(596e) First Principles Monte Carlo Simulations of Elemental Fluid Phase Equilibria

We use modern Monte Carlo sampling methods in concert with standard electronic structure codes (CPMD and NWChem) to perform liquid-vapor and liquid-liquid coexistence calculations from first principles. In order to improve computational efficiency an approximate "pre-sampling" potential is used to generate large moves with a high probability of acceptance, though the actual distribution of sampled states is determined only by the first-principles energy calculations [1].

The liquid elements, especially in the P-block, display a variety of liquid-liquid transitions (most famously in phosphorous [2] and sulfur [3], but also in selenium and others [3]) in addition to normal vaporization equilibria, as well as unusual liquid structure in many cases. All of this behavor is due to the strongly-directional and many-body covalent nature of interactions in these systems. While there has been much recent progress in developing empirical potentials for such chemically reactive systems [4], the use of "potential-less" first-principles methods is particularly appealing in studies of these systems; the relatively high temperatures considered also make it more likely that the known deficiencies in modern density functional methods (poor or inconsistent treatment of dispersion forces, etc.) are less likely to substantially affect the results.

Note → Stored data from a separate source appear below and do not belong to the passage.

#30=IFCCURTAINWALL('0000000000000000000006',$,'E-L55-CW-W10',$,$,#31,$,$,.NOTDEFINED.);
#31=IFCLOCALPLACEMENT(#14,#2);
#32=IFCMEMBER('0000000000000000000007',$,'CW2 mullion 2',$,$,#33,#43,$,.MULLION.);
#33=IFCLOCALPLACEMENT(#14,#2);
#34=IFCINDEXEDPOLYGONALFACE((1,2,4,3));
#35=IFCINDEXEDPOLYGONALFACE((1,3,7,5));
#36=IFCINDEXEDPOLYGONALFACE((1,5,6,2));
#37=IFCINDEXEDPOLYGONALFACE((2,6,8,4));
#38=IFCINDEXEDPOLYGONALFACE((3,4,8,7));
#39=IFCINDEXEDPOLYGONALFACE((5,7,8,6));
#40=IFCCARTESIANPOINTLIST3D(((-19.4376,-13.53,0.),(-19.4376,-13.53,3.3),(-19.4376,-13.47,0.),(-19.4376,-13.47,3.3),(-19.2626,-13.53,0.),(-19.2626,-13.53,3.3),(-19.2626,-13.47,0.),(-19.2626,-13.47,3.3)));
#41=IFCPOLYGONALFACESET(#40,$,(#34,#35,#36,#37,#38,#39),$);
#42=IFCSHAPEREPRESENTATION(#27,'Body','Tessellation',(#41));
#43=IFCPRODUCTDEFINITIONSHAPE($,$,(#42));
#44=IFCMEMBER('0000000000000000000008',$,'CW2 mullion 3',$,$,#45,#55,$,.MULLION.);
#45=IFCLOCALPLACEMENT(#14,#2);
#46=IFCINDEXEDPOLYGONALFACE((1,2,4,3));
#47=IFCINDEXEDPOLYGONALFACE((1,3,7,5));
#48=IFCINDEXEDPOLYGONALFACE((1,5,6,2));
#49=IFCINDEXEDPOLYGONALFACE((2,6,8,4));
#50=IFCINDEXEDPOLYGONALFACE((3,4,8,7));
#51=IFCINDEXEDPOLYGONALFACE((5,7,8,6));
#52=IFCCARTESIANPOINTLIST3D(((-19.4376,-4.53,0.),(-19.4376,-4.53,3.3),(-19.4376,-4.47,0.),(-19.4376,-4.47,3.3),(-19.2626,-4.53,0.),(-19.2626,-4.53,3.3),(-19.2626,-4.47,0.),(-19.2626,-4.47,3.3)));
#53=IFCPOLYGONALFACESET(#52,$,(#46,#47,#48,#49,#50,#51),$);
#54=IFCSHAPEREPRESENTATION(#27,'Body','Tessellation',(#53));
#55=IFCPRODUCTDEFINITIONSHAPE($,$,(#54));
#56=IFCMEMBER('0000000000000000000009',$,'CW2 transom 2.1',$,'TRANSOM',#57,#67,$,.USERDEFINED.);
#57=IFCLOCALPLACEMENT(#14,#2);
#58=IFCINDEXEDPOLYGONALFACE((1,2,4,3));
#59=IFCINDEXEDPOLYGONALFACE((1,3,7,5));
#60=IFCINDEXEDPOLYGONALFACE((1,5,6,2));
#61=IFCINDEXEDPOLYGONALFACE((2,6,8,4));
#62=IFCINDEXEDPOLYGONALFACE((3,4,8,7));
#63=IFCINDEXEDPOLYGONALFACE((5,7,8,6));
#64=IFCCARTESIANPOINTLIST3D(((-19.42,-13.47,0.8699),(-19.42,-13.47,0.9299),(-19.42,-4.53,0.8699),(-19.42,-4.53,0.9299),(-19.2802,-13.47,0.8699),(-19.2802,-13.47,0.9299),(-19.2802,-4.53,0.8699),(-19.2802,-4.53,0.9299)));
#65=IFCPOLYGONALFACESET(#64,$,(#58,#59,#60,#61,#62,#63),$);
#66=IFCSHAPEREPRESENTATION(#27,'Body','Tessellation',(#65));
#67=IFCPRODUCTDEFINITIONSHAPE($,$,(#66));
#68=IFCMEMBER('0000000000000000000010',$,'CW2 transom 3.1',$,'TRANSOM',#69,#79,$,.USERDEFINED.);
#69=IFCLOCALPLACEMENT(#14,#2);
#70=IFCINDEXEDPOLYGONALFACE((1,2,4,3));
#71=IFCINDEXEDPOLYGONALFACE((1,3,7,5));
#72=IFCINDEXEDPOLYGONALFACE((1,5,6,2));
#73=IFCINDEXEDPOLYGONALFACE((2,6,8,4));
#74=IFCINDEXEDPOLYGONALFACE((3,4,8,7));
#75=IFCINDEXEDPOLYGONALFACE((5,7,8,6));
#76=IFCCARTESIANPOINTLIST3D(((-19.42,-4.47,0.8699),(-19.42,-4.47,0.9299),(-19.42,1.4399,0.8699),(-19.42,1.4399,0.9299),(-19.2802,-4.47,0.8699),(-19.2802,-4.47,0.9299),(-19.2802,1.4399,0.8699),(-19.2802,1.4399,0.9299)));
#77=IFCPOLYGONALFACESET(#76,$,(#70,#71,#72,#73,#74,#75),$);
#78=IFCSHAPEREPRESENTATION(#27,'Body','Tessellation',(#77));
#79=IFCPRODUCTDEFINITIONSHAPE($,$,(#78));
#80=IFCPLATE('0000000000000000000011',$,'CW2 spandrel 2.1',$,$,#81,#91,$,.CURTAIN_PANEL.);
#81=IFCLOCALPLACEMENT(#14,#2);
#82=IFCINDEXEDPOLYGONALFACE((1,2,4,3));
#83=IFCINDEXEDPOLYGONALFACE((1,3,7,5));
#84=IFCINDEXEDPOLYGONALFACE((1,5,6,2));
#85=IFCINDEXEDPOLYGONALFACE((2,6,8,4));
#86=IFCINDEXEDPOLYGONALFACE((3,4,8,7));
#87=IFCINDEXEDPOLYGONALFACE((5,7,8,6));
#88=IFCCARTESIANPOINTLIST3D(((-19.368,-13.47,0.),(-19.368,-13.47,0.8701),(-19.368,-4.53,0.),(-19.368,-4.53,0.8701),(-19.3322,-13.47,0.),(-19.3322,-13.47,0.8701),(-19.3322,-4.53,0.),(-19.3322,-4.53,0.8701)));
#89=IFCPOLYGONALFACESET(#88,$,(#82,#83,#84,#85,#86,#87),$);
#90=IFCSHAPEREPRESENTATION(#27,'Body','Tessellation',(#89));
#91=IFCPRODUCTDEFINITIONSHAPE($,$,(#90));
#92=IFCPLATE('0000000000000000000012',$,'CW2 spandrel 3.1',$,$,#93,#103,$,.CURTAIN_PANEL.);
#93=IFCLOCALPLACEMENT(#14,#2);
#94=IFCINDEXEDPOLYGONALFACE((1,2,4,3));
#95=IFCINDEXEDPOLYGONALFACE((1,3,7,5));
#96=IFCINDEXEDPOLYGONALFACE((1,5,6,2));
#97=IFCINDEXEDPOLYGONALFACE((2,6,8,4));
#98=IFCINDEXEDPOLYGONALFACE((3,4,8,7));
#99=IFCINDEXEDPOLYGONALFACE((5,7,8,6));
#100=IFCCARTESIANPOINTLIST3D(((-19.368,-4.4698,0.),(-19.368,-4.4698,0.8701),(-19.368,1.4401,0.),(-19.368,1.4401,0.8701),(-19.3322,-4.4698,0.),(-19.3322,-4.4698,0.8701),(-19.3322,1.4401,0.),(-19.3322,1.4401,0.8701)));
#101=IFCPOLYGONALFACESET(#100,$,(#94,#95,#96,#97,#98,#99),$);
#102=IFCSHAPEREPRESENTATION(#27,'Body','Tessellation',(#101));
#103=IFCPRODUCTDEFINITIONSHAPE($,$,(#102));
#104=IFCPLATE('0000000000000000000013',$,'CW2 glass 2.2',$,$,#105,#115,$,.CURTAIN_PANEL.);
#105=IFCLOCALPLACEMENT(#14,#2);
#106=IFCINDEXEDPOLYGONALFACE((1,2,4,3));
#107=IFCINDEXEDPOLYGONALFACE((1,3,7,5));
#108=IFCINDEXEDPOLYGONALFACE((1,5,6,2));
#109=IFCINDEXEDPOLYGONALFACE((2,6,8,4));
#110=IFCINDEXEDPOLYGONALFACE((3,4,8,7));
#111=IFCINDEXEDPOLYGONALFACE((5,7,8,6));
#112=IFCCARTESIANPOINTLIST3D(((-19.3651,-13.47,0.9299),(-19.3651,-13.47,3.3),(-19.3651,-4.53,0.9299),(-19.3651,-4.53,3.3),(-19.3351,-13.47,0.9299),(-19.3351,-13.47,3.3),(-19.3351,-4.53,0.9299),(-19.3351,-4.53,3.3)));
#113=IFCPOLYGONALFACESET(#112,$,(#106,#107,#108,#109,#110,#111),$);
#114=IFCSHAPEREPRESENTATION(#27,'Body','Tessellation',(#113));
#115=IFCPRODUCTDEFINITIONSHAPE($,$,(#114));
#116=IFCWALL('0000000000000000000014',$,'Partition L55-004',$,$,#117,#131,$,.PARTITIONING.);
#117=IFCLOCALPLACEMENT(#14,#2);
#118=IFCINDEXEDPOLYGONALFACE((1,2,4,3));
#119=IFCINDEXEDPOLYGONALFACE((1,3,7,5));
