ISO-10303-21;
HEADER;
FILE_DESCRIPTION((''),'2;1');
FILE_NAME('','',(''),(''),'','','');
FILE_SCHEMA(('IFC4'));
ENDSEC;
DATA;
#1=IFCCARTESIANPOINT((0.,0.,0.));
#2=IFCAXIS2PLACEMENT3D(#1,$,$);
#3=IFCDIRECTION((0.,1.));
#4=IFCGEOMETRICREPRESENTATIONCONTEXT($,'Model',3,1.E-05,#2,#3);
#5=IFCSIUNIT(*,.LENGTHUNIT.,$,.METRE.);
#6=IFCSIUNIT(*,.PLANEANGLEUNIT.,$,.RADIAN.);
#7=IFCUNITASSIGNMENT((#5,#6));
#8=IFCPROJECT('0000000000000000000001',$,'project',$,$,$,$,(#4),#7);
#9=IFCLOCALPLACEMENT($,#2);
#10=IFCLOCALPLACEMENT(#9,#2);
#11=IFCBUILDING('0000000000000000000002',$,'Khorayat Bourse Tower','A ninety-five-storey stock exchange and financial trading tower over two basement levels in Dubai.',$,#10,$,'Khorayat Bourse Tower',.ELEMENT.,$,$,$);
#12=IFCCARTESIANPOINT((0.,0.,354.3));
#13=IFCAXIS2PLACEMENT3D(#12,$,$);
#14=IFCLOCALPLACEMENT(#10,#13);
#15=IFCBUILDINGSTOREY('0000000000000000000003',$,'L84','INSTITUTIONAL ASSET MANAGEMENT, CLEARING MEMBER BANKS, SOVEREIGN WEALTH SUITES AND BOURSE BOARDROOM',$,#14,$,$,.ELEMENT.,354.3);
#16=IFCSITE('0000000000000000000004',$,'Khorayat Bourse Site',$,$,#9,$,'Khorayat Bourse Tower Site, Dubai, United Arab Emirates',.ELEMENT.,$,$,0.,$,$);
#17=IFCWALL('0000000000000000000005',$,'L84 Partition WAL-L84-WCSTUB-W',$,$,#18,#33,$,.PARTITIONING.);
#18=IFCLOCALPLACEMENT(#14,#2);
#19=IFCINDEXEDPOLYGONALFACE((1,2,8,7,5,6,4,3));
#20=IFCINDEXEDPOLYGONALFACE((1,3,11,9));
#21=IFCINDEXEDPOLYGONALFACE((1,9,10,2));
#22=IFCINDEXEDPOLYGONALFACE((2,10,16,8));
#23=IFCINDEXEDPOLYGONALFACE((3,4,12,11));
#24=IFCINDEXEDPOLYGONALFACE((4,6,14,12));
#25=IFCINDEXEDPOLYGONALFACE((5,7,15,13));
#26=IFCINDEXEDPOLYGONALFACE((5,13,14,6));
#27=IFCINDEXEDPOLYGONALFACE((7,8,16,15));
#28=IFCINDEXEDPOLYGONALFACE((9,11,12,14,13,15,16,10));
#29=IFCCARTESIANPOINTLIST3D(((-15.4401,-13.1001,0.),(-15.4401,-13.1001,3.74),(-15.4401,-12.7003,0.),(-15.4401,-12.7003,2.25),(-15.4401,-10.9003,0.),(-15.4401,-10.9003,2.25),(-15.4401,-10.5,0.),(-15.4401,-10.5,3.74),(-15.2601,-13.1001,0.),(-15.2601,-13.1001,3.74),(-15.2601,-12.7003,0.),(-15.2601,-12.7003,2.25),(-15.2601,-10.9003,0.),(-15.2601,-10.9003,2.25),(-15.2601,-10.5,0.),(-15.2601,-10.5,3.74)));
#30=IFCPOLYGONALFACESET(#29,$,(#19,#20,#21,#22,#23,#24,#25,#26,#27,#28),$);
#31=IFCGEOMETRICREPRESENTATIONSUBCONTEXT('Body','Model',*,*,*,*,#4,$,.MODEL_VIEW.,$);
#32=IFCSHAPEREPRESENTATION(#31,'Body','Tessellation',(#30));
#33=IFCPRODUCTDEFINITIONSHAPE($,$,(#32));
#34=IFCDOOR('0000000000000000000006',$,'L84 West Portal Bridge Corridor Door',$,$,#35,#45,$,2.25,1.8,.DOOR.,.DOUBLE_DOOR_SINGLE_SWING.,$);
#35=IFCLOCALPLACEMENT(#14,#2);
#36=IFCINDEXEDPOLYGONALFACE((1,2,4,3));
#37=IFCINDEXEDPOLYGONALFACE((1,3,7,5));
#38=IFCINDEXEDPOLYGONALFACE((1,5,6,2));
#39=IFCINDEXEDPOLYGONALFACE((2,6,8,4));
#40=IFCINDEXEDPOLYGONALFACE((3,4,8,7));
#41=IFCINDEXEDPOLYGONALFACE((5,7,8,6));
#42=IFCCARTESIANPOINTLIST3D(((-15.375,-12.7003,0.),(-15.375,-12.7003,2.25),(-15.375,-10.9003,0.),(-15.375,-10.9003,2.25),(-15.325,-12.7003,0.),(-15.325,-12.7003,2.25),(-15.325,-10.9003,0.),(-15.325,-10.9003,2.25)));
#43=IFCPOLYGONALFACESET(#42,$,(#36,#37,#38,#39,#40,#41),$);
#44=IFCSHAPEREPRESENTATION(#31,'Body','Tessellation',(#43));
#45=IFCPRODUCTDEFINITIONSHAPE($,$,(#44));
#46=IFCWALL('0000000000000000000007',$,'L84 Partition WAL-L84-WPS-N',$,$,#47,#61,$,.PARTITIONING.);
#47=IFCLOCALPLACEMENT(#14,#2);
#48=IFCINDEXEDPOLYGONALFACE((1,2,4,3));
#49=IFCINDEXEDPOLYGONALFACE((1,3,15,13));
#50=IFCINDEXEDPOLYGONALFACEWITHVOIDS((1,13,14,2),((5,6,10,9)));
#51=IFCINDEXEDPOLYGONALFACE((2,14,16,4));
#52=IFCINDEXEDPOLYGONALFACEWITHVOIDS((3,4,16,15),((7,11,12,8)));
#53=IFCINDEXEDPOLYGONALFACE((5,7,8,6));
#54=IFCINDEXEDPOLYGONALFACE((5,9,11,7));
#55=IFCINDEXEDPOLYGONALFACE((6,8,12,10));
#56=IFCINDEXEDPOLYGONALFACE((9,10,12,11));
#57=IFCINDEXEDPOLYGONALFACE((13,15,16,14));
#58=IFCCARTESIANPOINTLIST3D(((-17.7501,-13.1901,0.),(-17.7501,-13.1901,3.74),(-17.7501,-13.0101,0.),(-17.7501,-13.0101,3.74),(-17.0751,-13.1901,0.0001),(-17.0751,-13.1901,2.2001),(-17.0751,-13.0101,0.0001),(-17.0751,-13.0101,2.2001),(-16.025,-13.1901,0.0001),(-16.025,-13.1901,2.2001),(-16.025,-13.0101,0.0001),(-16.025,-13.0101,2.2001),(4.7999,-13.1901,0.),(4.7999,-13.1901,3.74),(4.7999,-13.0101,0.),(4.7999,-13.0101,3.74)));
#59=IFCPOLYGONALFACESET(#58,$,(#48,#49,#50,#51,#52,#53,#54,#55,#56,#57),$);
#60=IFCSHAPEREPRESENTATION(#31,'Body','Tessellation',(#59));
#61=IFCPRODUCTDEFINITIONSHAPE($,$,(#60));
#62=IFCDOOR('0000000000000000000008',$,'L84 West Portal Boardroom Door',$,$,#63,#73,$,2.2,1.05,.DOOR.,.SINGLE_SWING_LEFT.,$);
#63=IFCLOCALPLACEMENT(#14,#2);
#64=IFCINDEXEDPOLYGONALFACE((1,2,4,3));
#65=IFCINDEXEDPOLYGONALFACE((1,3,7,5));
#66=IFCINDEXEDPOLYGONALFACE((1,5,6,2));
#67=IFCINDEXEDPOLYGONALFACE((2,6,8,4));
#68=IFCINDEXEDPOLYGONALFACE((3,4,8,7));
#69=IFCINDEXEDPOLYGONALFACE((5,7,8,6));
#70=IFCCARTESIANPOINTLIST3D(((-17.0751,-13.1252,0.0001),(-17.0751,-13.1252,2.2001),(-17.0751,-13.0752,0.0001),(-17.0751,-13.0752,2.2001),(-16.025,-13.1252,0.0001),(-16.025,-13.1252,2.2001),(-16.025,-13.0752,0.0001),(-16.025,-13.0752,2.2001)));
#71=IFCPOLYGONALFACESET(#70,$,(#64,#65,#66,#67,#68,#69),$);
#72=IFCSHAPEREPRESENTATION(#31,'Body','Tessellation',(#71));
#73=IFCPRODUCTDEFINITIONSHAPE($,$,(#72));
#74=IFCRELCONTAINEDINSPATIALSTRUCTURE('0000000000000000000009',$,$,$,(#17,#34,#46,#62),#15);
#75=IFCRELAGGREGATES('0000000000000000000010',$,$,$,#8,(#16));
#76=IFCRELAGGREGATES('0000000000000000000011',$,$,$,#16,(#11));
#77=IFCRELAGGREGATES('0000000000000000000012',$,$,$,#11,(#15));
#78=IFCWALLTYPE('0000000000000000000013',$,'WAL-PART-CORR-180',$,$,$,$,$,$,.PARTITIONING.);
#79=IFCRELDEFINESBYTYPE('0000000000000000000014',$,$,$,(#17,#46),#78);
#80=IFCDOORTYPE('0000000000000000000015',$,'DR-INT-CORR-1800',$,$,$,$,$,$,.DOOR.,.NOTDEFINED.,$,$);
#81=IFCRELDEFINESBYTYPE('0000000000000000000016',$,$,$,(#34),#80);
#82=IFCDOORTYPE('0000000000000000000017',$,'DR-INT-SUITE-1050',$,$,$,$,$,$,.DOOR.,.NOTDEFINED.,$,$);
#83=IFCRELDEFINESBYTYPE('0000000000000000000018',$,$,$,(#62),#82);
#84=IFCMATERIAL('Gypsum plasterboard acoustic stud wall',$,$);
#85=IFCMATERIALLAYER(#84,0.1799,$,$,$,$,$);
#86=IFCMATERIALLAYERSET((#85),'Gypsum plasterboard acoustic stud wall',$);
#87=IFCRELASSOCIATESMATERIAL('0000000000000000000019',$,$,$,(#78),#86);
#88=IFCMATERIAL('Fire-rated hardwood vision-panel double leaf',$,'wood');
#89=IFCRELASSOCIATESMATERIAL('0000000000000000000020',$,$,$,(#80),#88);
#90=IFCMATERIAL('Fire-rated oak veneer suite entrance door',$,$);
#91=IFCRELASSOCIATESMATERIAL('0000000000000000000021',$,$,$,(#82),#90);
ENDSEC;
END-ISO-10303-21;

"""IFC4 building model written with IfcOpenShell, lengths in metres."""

from ifc_helpers import new_model, si_unit, direction, frame, frame_2d, origin, place, context, subcontext, project, spatial, rectangle, extrude, source, transform, mapped, material, layer, layer_set, type_object, element, fill, save


model = new_model("IFC4")

# Units and contexts
model_context = context("Model", 3, precision=1e-05, world=origin(), true_north=direction((0.0, 1.0)))
body_context = subcontext(model_context, "Body", "Model", "MODEL_VIEW")
ifc_project = project(units=[si_unit("LENGTHUNIT", "METRE"), si_unit("PLANEANGLEUNIT", "RADIAN")], contexts=[model_context])

# Site, building, storey
site_placement = place(None, origin())
site = spatial("IfcSite", under=ifc_project, at=site_placement, Name="Khorayat Bourse Site", LongName="Khorayat Bourse Tower Site, Dubai, United Arab Emirates", CompositionType="ELEMENT", RefElevation=0.0)
building_placement = place(site_placement, origin())
building = spatial("IfcBuilding", under=site, at=building_placement, Name="Khorayat Bourse Tower", Description="A ninety-five-storey stock exchange and financial trading tower over two basement levels in Dubai.", LongName="Khorayat Bourse Tower", CompositionType="ELEMENT")
storey_placement = place(building_placement, frame((0.0, 0.0, 354.3)))
storey = spatial("IfcBuildingStorey", under=building, at=storey_placement, Name="L84", Description="INSTITUTIONAL ASSET MANAGEMENT, CLEARING MEMBER BANKS, SOVEREIGN WEALTH SUITES AND BOURSE BOARDROOM", CompositionType="ELEMENT", Elevation=354.3)

# Walls, openings, doors
ifc_material_1 = material(Name="Gypsum plasterboard acoustic stud wall")
ifc_layer_1 = layer(ifc_material_1, 0.1799)
ifc_layer_set_1 = layer_set([ifc_layer_1], Name="Gypsum plasterboard acoustic stud wall")
wall_type_1 = type_object("IfcWallType", Name="WAL-PART-CORR-180", PredefinedType="PARTITIONING", material=ifc_layer_set_1)
shared_shape_1 = source(origin(), body_context, "Body", "SweptSolid", [
    extrude(rectangle(XDim=2.6001, YDim=0.1799, at=frame_2d((1.3, 0.0))), origin(), (0.0, 0.0, 1.0), 3.74),
])
wall_1_placement = place(storey_placement, frame((-15.3501, -13.1001, 0.0), z_axis=(0.0, 0.0, 1.0), x_axis=(0.0, 1.0, 0.0)))
wall_1 = element("IfcWall", 1, at=wall_1_placement, inside=storey, type_object=wall_type_1, Name="L84 Partition WAL-L84-WCSTUB-W", PredefinedType="PARTITIONING", context=body_context, shape_type="MappedRepresentation", body=[
    mapped(shared_shape_1, transform((0.0, 0.0, 0.0), scale=1.0)),
])
shared_shape_2 = source(origin(), body_context, "Body", "SweptSolid", [
    extrude(rectangle(XDim=1.8, YDim=2.25, at=frame_2d((0.8999, 1.125))), frame((0.0, 0.0999, 0.0), z_axis=(0.0, -1.0, 0.0), x_axis=(1.0, 0.0, 0.0)), (0.0, 0.0, 1.0), 0.2),
])
opening_1_placement = place(wall_1_placement, frame((0.3999, 0.0, 0.0)))
opening_1 = element("IfcOpeningElement", 2, at=opening_1_placement, cuts=wall_1, PredefinedType="OPENING", context=body_context, shape_type="MappedRepresentation", body=[
    mapped(shared_shape_2, transform((0.0, 0.0, 0.0), scale=1.0)),
])
ifc_material_2 = material(Name="Fire-rated hardwood vision-panel double leaf", Category="wood")
door_type_1 = type_object("IfcDoorType", Name="DR-INT-CORR-1800", OperationType="NOTDEFINED", PredefinedType="DOOR", material=ifc_material_2)
shared_shape_3 = source(origin(), body_context, "Body", "SweptSolid", [
    extrude(rectangle(XDim=1.8, YDim=2.25, at=frame_2d((0.8999, 1.125))), frame((0.0, 0.0249, 0.0), z_axis=(0.0, -1.0, 0.0), x_axis=(1.0, 0.0, 0.0)), (0.0, 0.0, 1.0), 0.05),
])
door_1_placement = place(opening_1_placement, origin())
door_1 = element("IfcDoor", 3, at=door_1_placement, inside=storey, type_object=door_type_1, Name="L84 West Portal Bridge Corridor Door", OperationType="DOUBLE_DOOR_SINGLE_SWING", OverallHeight=2.25, OverallWidth=1.8, PredefinedType="DOOR", context=body_context, shape_type="MappedRepresentation", body=[
    mapped(shared_shape_3, transform((0.0, 0.0, 0.0), scale=1.0)),
])
fill(opening_1, door_1)
shared_shape_4 = source(origin(), body_context, "Body", "SweptSolid", [
    extrude(rectangle(XDim=22.55, YDim=0.1799, at=frame_2d((11.2749, 0.0))), origin(), (0.0, 0.0, 1.0), 3.74),
])
wall_2_placement = place(storey_placement, frame((-17.75, -13.1001, 0.0), z_axis=(0.0, 0.0, 1.0), x_axis=(1.0, 0.0, 0.0)))
wall_2 = element("IfcWall", 4, at=wall_2_placement, inside=storey, type_object=wall_type_1, Name="L84 Partition WAL-L84-WPS-N", PredefinedType="PARTITIONING", context=body_context, shape_type="MappedRepresentation", body=[
    mapped(shared_shape_4, transform((0.0, 0.0, 0.0), scale=1.0)),
])
shared_shape_5 = source(origin(), body_context, "Body", "SweptSolid", [
    extrude(rectangle(XDim=1.05, YDim=2.2, at=frame_2d((0.5249, 1.1001))), frame((0.0, 0.0999, 0.0), z_axis=(0.0, -1.0, 0.0), x_axis=(1.0, 0.0, 0.0)), (0.0, 0.0, 1.0), 0.2),
])
opening_2_placement = place(wall_2_placement, frame((0.675, 0.0, 0.0)))
opening_2 = element("IfcOpeningElement", 5, at=opening_2_placement, cuts=wall_2, PredefinedType="OPENING", context=body_context, shape_type="MappedRepresentation", body=[
    mapped(shared_shape_5, transform((0.0, 0.0, 0.0), scale=1.0)),
])
ifc_material_3 = material(Name="Fire-rated oak veneer suite entrance door")
door_type_2 = type_object("IfcDoorType", Name="DR-INT-SUITE-1050", OperationType="NOTDEFINED", PredefinedType="DOOR", material=ifc_material_3)
shared_shape_6 = source(origin(), body_context, "Body", "SweptSolid", [
    extrude(rectangle(XDim=1.05, YDim=2.2, at=frame_2d((0.5249, 1.1001))), frame((0.0, 0.0249, 0.0), z_axis=(0.0, -1.0, 0.0), x_axis=(1.0, 0.0, 0.0)), (0.0, 0.0, 1.0), 0.05),
])
door_2_placement = place(opening_2_placement, origin())
door_2 = element("IfcDoor", 6, at=door_2_placement, inside=storey, type_object=door_type_2, Name="L84 West Portal Boardroom Door", OperationType="SINGLE_SWING_LEFT", OverallHeight=2.2, OverallWidth=1.05, PredefinedType="DOOR", context=body_context, shape_type="MappedRepresentation", body=[
    mapped(shared_shape_6, transform((0.0, 0.0, 0.0), scale=1.0)),
])
fill(opening_2, door_2)

save(model, "model.ifc")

Issues of efficiency, correctness and load-balancing arising from the use of iterative density functional theory potentials are addressed both directly and through analysis of model systems. System size effects are also tested using model systems. A hybrid approach in which two "levels" of pre-sampling is constructed, in which the first uses an empirical potential, and the second uses density functional theory but with a very low (and fixed) number of plane waves. Construction of appropriate pseudopotentials and choice of exchange-correlation functional are evaluated in detail for both metallic and insulating systems.

[1] Gelb and Carnahan, Chem. Phys. Letts. 4-6 (2006) 283.

[2] Katayama et al., Nature 403 (2000) 170.

[3] Brazhkin et al., Physica B 265 (1999) 64.

[4] van Duin et al., J. Phys. Chem. A 105 (2001) 9396.